From Basque Markina to Mountain Home, Idaho

The Barinaga family has been sheep-ranching in America for more than a century. My grandfather, Valentin Barinagarrementeria, travelled from the Basque village of Markina to Mountain Home, Idaho, in the early 1900s to make his life as a sheep-herder on a ranch in southern Idaho. He was a diligent worker and soon became a partner in the ranch, and eventually owner, with my grandmother Eulalia. Theirs was a typical American sheep ranch, and their products were lamb and wool.

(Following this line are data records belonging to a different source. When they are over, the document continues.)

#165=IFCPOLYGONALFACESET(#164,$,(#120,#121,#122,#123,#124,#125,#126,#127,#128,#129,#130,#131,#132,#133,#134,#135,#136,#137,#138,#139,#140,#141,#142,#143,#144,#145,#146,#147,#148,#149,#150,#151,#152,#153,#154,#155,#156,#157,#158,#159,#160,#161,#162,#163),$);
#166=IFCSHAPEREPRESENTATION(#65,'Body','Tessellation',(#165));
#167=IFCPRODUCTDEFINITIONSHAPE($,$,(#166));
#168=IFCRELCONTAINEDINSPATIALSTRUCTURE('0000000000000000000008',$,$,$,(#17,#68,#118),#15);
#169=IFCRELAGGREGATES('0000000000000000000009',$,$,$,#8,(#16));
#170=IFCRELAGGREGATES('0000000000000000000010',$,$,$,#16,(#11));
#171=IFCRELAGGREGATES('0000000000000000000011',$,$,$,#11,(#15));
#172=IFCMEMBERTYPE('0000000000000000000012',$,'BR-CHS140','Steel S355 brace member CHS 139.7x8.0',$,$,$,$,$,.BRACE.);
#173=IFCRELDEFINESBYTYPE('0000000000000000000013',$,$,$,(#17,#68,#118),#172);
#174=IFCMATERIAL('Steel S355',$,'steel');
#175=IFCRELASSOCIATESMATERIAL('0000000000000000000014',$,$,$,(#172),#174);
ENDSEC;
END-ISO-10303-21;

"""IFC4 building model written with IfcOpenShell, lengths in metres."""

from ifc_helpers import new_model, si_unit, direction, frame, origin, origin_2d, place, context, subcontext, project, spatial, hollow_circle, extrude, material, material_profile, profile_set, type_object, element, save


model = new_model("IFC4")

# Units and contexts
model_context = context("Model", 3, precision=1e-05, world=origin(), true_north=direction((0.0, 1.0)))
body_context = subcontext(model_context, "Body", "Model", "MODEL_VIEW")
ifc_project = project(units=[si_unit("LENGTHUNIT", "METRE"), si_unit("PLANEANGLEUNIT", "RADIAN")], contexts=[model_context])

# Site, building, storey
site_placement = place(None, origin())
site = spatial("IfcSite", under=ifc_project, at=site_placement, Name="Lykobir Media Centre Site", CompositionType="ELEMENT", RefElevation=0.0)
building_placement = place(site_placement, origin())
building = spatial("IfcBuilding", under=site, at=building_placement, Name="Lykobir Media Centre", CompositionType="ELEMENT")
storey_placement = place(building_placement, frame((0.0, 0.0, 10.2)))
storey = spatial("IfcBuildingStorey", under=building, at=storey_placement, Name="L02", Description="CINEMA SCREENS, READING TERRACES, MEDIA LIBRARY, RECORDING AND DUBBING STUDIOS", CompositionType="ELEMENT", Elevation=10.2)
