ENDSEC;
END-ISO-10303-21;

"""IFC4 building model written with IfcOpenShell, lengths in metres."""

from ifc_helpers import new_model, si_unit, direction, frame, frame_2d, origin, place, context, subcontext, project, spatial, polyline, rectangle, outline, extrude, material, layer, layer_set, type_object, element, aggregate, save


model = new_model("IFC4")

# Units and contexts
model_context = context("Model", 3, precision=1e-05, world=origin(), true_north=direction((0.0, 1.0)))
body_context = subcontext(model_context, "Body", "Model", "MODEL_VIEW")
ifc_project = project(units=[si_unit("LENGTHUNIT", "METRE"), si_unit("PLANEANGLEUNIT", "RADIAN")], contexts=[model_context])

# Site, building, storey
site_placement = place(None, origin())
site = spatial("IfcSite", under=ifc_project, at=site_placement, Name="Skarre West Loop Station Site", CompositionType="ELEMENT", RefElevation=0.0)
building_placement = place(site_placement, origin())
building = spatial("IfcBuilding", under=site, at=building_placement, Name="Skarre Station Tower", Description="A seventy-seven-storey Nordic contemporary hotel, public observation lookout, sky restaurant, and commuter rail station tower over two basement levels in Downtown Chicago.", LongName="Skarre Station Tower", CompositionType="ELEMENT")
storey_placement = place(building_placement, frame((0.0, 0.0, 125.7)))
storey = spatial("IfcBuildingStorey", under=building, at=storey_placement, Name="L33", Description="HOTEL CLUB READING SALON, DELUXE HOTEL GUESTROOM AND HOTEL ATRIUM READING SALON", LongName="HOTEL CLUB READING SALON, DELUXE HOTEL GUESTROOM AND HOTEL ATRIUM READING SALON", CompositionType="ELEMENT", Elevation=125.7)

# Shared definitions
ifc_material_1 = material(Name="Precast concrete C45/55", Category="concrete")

Their 5,000 ewes lambed on the high, snowy desert of southern Idaho in February, and the ewes with their lambs, accompanied by sheepherders, grazed in spring and summer pastures in the mountains and valleys of what is now the Jarbidge Wilderness Area in northern Nevada. My grandparents never dreamed of milking their ewes, as there was no tradition of sheep dairying in this country, and range-sheep operations like theirs did not lend themselves to dairying.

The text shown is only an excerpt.